Ainda na seara afro-afirmativa, Zezeh rememora as batalhas que a edificaram enquanto atriz negra. Na Escola de Arte Dramática da Universidade de São Paulo (EAD-USP), ela era uma das únicas atrizes negras da classe. Este fato encorajou o seu professor a propor que ela interpretasse todas as personagens de empregada tanto da EAD como da ECA (Escola de Comunicação e Artes) da mesma universidade. Segundo ele, essa era a única possibilidade que lhe caberia, “pois, caso contrário, eu não seria sequer avaliada. Isso na minha vida foi muito forte. Percebi, aos 20 anos, que teria um grande caminho a percorrer na luta contra o racismo. Por conta dessa determinação do meu professor, eu fiz protestos e passeatas, até que fui respeitada”. Ante à possibilidade de nem mesmo receber nota por recusar fazer um papel fixo nas duas instituições de ensino, Zezeh chegou a fazer algumas montagens sob esta diretriz, mas logo desistiu. “Foi algo desrespeitoso, desmerecedor”.
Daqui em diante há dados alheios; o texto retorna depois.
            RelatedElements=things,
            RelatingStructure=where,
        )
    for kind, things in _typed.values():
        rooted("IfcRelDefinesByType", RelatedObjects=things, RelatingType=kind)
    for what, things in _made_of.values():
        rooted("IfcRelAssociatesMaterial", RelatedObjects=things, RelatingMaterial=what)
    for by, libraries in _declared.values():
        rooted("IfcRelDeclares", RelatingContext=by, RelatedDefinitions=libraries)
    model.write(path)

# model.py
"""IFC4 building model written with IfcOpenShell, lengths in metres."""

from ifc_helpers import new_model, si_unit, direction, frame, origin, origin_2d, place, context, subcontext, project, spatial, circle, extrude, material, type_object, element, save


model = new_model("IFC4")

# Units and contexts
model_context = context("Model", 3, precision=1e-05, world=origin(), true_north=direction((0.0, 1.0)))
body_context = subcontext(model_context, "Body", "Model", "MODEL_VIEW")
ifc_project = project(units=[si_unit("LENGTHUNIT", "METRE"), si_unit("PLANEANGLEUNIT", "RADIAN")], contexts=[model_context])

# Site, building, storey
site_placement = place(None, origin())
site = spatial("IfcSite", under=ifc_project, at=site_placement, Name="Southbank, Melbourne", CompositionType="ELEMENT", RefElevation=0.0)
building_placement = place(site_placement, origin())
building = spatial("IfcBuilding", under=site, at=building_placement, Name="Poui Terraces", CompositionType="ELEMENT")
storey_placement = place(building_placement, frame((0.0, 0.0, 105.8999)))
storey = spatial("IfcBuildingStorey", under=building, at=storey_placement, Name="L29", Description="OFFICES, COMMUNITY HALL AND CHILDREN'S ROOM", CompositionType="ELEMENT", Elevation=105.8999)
Eu acho um preconceito que tenham querido me aprisionar nisso. Desde muito cedo comecei a brigar por respeito, o que é algo básico. Após uma temporada na Europa com uma peça, na qual ganhamos muitos prêmios – eu e minha companhia de teatro – voltei gloriosa, porém odiada na escola. Meu professor falou que por ele eu não seria aprovada. Ele não admitiu a insubmissão – Zezeh Barbosa
NO FUZUÊ E ENTENDENDO-SE COM A LUA
Coincidentemente, as duas obras às quais Zezeh Barbosa estará estreando nos próximos dias têm uma estética muito semelhante: intencionalmente kitsch, sem vergonha se ser uma comédia típica das 19h e com todo o exagero e colorido do horário. No dia 31 é a vez da estreia de “A Lua Me Disse“, novela de 2005, nunca reprisada e que se passa numa região suburbana, o Beco da Baiuca, e tem como principal cenário um mercado, o “Frango Com Tudo Dentro“. Em “Fuzuê”, uma grande loja também centraliza a ação. Trata-se de um comércio de produtos populares que nomeia a trama. A novela de Gustavo Reiz estreia em 14 de agosto.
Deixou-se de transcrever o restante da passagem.